Hye, I had the same problem like bbb999. I already tried all positive and negative values and the sequence will converge to positive square root ten. How about negative square root ten? huhu

[Mute]

It definitely looks like the positive root might be the only stable fixed point. The strategy HallsofIvy suggested on the first run of this thread won't work because the sequence \{s_n\} isn't monotonically increasing or decreasing, as is easy to see from inspecting the cobweb diagram. See this site for an applet: http://www.emporia.edu/math-cs/yanikjoe/Chaos/CobwebPlot.htm

Even near the negative root the cobweb diagram trajectories end up shooting back over towards the positive root after a few iterations. This is by no means a proof, but it is suggestive.

I suspect part of the underlying reason for the strange behavior is the divergence at x = -1. It looks like this gives rise to a geometry that makes the negative root completely unstable and the positive root universally stable.

Perhaps some understanding can be found by studying the more general

s_{n+1} = \frac{s_n + a}{s_n + b + 1}
which has fixed points s^\ast = (1/2)(-b \pm \sqrt{b^2 + 4a}). Note that when b^2 + 4a < 0 there are no fixed points.

[uart]

Yes Mute, only the positive root is numerically stable for the given function under fixed point iteration.

Fixed point iteration of the form x = f(x) is not numerically stable when |f'(x)|>1 at the given solution.

For the function in question we have,

f(x) = \frac{x+10}{x+1}

f'(x) = \frac{-9}{(x+1)^2}

f'(+\sqrt{10}) \simeq -0.52

f'(-\sqrt{10}) \simeq -1.93

[uart]

Izdihar, here's some other ways we could find a function that converges to sqrt(10) under fixed point iteration.

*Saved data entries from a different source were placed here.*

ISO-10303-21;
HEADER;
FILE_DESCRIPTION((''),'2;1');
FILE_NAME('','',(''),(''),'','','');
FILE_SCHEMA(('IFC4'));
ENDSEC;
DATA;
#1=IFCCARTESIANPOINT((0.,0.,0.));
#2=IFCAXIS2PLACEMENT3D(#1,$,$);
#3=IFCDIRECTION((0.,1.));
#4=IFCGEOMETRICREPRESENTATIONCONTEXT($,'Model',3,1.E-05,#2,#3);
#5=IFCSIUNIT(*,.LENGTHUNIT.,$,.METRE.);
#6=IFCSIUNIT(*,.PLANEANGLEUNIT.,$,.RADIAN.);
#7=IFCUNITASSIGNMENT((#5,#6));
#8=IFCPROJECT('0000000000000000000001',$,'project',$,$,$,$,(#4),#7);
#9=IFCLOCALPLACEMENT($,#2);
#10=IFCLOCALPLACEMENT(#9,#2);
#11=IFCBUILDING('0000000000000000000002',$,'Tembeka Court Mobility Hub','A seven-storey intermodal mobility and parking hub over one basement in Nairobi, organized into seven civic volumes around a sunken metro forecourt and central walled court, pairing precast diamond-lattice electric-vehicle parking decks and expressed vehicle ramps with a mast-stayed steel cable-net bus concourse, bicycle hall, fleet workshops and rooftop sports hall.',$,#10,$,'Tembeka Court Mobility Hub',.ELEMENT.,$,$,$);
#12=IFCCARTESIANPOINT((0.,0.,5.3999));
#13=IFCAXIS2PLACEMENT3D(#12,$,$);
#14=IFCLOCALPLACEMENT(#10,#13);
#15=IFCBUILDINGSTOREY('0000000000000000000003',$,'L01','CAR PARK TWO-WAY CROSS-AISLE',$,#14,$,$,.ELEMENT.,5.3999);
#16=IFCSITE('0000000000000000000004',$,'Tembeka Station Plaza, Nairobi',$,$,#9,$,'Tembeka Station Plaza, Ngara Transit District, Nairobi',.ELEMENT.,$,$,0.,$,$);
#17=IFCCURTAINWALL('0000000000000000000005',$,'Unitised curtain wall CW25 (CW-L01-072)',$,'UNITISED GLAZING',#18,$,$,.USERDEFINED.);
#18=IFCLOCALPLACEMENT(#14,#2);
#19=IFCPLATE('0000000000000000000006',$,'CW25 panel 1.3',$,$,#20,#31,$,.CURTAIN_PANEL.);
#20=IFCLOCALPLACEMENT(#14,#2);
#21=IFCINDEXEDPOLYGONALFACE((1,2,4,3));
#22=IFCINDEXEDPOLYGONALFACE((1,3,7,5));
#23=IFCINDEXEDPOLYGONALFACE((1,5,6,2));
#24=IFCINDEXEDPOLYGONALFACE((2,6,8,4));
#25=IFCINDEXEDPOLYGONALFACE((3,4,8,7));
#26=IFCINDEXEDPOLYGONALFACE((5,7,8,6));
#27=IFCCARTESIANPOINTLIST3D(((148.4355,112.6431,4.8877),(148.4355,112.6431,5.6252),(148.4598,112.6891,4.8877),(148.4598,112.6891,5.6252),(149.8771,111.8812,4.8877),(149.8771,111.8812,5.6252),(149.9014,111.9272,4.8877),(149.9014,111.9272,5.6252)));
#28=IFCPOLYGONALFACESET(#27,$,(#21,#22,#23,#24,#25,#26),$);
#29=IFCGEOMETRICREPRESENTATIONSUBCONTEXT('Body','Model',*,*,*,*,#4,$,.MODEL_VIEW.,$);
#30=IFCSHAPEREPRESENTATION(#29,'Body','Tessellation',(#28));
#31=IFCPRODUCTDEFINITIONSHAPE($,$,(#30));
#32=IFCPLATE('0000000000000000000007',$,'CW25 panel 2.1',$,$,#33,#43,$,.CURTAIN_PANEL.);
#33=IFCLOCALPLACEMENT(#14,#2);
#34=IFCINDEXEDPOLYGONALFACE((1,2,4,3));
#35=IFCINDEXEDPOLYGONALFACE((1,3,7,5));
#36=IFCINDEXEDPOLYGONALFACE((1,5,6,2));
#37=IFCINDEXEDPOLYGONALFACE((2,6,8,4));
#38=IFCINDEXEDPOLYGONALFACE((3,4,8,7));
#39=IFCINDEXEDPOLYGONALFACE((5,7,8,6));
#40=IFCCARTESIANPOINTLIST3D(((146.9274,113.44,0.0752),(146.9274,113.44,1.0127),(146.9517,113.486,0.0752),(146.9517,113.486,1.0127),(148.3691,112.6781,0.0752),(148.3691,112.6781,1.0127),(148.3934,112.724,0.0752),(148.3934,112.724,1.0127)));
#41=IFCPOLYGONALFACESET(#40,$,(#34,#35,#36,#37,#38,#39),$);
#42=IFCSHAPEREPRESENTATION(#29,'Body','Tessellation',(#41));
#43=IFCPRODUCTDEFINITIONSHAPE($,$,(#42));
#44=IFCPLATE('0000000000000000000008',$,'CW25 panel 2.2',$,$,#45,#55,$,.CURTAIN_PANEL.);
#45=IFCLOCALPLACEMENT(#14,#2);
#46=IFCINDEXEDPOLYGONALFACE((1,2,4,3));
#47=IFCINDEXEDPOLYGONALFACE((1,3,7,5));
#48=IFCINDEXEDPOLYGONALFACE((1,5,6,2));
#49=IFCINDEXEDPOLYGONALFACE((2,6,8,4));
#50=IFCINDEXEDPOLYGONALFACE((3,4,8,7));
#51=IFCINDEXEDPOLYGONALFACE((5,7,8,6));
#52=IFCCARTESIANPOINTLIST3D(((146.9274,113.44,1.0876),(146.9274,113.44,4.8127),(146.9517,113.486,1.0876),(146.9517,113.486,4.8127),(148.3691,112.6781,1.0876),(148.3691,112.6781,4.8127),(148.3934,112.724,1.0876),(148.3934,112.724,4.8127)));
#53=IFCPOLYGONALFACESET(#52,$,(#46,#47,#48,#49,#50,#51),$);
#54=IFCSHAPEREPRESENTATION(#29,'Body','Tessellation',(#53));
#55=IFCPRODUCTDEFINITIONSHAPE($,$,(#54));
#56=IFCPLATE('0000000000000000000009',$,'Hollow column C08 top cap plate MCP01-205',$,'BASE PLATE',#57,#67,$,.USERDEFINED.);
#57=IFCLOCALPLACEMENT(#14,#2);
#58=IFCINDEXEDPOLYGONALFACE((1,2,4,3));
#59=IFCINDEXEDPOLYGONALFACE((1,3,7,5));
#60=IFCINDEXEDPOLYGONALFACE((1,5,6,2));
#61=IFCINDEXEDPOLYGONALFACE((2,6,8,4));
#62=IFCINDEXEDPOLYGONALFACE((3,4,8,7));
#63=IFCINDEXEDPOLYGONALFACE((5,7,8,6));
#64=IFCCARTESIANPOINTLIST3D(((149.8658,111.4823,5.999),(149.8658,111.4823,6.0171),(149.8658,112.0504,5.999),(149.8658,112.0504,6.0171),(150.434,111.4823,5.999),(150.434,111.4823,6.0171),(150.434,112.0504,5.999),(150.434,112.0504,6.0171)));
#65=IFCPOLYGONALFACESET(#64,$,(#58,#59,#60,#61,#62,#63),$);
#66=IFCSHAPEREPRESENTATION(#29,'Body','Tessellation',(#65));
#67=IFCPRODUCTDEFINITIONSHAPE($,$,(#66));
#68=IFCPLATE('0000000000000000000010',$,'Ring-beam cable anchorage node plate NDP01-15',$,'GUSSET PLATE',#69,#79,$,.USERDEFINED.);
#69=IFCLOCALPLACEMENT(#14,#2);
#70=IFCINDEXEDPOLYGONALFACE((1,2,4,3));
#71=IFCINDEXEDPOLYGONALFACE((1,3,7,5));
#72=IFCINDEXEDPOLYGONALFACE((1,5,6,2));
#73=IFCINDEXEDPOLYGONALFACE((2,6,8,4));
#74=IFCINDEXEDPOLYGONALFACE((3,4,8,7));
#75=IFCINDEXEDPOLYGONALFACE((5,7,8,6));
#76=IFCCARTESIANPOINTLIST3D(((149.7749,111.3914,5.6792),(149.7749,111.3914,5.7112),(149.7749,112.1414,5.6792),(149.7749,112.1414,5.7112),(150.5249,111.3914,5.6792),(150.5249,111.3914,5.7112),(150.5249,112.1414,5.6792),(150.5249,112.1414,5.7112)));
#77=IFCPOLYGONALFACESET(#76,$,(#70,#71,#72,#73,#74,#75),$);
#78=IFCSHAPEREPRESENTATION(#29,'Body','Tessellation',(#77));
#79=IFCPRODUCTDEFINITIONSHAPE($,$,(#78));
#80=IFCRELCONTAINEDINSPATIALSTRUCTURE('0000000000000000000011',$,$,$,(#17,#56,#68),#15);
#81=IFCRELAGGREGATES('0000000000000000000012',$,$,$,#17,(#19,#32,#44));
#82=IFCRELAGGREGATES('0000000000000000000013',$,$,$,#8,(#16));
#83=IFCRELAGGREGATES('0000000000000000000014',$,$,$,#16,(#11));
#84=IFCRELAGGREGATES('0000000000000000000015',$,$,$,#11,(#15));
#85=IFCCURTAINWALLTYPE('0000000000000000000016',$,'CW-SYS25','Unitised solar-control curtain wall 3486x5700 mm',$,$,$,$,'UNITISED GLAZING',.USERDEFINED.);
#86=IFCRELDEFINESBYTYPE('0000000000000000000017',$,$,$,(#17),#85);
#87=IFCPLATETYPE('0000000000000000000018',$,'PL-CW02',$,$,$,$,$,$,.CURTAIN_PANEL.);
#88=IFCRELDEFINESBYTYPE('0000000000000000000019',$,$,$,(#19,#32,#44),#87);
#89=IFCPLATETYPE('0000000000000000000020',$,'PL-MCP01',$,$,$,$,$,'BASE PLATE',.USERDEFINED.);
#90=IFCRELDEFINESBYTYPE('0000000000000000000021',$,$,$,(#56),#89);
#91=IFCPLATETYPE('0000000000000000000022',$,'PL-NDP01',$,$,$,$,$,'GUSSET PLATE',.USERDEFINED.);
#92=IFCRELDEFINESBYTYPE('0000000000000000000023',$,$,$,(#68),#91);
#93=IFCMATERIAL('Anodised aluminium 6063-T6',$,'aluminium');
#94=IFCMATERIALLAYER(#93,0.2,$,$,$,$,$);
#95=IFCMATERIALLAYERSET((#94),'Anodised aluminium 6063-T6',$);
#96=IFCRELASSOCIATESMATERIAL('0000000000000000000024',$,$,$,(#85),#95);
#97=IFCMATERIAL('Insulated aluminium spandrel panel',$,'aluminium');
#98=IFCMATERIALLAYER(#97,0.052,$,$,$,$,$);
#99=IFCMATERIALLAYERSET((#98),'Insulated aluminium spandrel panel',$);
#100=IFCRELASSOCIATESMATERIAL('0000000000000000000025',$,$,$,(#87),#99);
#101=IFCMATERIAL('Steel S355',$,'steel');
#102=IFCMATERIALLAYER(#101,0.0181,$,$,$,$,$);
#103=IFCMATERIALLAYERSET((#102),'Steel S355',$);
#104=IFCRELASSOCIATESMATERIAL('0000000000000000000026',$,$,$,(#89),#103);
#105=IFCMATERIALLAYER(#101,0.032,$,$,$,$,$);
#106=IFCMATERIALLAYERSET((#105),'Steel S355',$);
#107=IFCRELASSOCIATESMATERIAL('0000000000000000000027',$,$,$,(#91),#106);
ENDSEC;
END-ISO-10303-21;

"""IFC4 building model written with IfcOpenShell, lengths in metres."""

from ifc_helpers import new_model, si_unit, direction, frame, origin, origin_2d, place, context, subcontext, project, spatial, rectangle, extrude, material, layer, layer_set, type_object, element, aggregate, save


model = new_model("IFC4")

# Units and contexts
model_context = context("Model", 3, precision=1e-05, world=origin(), true_north=direction((0.0, 1.0)))
body_context = subcontext(model_context, "Body", "Model", "MODEL_VIEW")
ifc_project = project(units=[si_unit("LENGTHUNIT", "METRE"), si_unit("PLANEANGLEUNIT", "RADIAN")], contexts=[model_context])

# Site, building, storey
site_placement = place(None, origin())
site = spatial("IfcSite", under=ifc_project, at=site_placement, Name="Tembeka Station Plaza, Nairobi", LongName="Tembeka Station Plaza, Ngara Transit District, Nairobi", CompositionType="ELEMENT", RefElevation=0.0)
building_placement = place(site_placement, origin())
building = spatial("IfcBuilding", under=site, at=building_placement, Name="Tembeka Court Mobility Hub", Description="A seven-storey intermodal mobility and parking hub over one basement in Nairobi, organized into seven civic volumes around a sunken metro forecourt and central walled court, pairing precast diamond-lattice electric-vehicle parking decks and expressed vehicle ramps with a mast-stayed steel cable-net bus concourse, bicycle hall, fleet workshops and rooftop sports hall.", LongName="Tembeka Court Mobility Hub", CompositionType="ELEMENT")
storey_placement = place(building_placement, frame((0.0, 0.0, 5.3999)))
storey = spatial("IfcBuildingStorey", under=building, at=storey_placement, Name="L01", Description="CAR PARK TWO-WAY CROSS-AISLE", CompositionType="ELEMENT", Elevation=5.3999)

# Shared definitions
ifc_material_1 = material(Name="Steel S355", Category="steel")

# Shared definitions
ifc_material_2 = material(Name="Anodised aluminium 6063-T6", Category="aluminium")
ifc_layer_1 = layer(ifc_material_2, 0.2)
ifc_layer_set_1 = layer_set([ifc_layer_1], Name="Anodised aluminium 6063-T6")
curtain_wall_type = type_object("IfcCurtainWallType", Name="CW-SYS25", Description="Unitised solar-control curtain wall 3486x5700 mm", ElementType="UNITISED GLAZING", PredefinedType="USERDEFINED", material=ifc_layer_set_1)

# Curtain wall
curtain_wall_1_placement = place(storey_placement, origin())
curtain_wall_1 = element("IfcCurtainWall", 1, at=curtain_wall_1_placement, inside=storey, type_object=curtain_wall_type, Name="Unitised curtain wall CW25 (CW-L01-072)", ObjectType="UNITISED GLAZING", PredefinedType="USERDEFINED")

# Plates
ifc_material_3 = material(Name="Insulated aluminium spandrel panel", Category="aluminium")
ifc_layer_2 = layer(ifc_material_3, 0.052)
ifc_layer_set_2 = layer_set([ifc_layer_2], Name="Insulated aluminium spandrel panel")
plate_type_1 = type_object("IfcPlateType", Name="PL-CW02", PredefinedType="CURTAIN_PANEL", material=ifc_layer_set_2)
plate_1_placement = place(storey_placement, frame((149.1685, 112.2852, 4.8877), z_axis=(0.0, 0.0, 1.0), x_axis=(-0.884108, 0.467283, 0.0)))
plate_1 = element("IfcPlate", 2, at=plate_1_placement, type_object=plate_type_1, Name="CW25 panel 1.3", PredefinedType="CURTAIN_PANEL", context=body_context, shape_type="SweptSolid", body=[
    extrude(rectangle(XDim=1.6306, YDim=0.052, at=origin_2d()), origin(), (0.0, 0.0, 1.0), 0.7375),
])
plate_2_placement = place(storey_placement, frame((147.6604, 113.082, 0.0752), z_axis=(0.0, 0.0, 1.0), x_axis=(-0.884108, 0.467283, 0.0)))
plate_2 = element("IfcPlate", 3, at=plate_2_placement, type_object=plate_type_1, Name="CW25 panel 2.1", PredefinedType="CURTAIN_PANEL", context=body_context, shape_type="SweptSolid", body=[
    extrude(rectangle(XDim=1.6306, YDim=0.052, at=origin_2d()), origin(), (0.0, 0.0, 1.0), 0.9375),
])
plate_3_placement = place(storey_placement, frame((147.6604, 113.082, 1.0876), z_axis=(0.0, 0.0, 1.0), x_axis=(-0.884108, 0.467283, 0.0)))
plate_3 = element("IfcPlate", 4, at=plate_3_placement, type_object=plate_type_1, Name="CW25 panel 2.2", PredefinedType="CURTAIN_PANEL", context=body_context, shape_type="SweptSolid", body=[
    extrude(rectangle(XDim=1.6306, YDim=0.052, at=origin_2d()), origin(), (0.0, 0.0, 1.0), 3.7251),
])
aggregate(curtain_wall_1, [plate_1, plate_2, plate_3])

# Plates
ifc_layer_3 = layer(ifc_material_1, 0.0181)
ifc_layer_set_3 = layer_set([ifc_layer_3], Name="Steel S355")
plate_type_2 = type_object("IfcPlateType", Name="PL-MCP01", ElementType="BASE PLATE", PredefinedType="USERDEFINED", material=ifc_layer_set_3)
plate_4_placement = place(storey_placement, frame((150.1499, 111.7664, 5.999), z_axis=(0.0, 0.0, 1.0), x_axis=(1.0, 0.0, 0.0)))
element("IfcPlate", 5, at=plate_4_placement, inside=storey, type_object=plate_type_2, Name="Hollow column C08 top cap plate MCP01-205", ObjectType="BASE PLATE", PredefinedType="USERDEFINED", context=body_context, shape_type="SweptSolid", body=[
    extrude(rectangle(XDim=0.5681, YDim=0.5681, at=origin_2d()), origin(), (0.0, 0.0, 1.0), 0.0181),
])
ifc_layer_4 = layer(ifc_material_1, 0.032)
ifc_layer_set_4 = layer_set([ifc_layer_4], Name="Steel S355")
plate_type_3 = type_object("IfcPlateType", Name="PL-NDP01", ElementType="GUSSET PLATE", PredefinedType="USERDEFINED", material=ifc_layer_set_4)
plate_5_placement = place(storey_placement, frame((150.1499, 111.7664, 5.6792), z_axis=(0.0, 0.0, 1.0), x_axis=(1.0, 0.0, 0.0)))
element("IfcPlate", 6, at=plate_5_placement, inside=storey, type_object=plate_type_3, Name="Ring-beam cable anchorage node plate NDP01-15", ObjectType="GUSSET PLATE", PredefinedType="USERDEFINED", context=body_context, shape_type="SweptSolid", body=[
    extrude(rectangle(XDim=0.75, YDim=0.75, at=origin_2d()), origin(), (0.0, 0.0, 1.0), 0.032),
])

save(model, "model.ifc")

Take (x+1)(x-1) = 9. It's easy to show that this has solutions of \pm \sqrt{10}.

Case 1.

Rearrange the above to

x = \frac{9}{x+1} + 1

You can show that only the positive root is numerically stable for this case.

Case 2.

You can also rearrange the original equation to

x = \frac{9}{x-1} - 1

Only the negative root is numerically stable for this case.

[izdihar]

thanks everybody..!:smile:

uart:

"Fixed point iteration of the form x=f(x) is not numerically stable when |f′(x)|>1 at the given solution."
is this theorem?

[uart]

"Fixed point iteration of the form x=f(x) is not numerically stable when |f′(x)|>1 at the given solution."
is this theorem?

Yes, the absolute value of the derivative must be less than one on an interval containing the fixed point for it to be a "attractor" fixed point.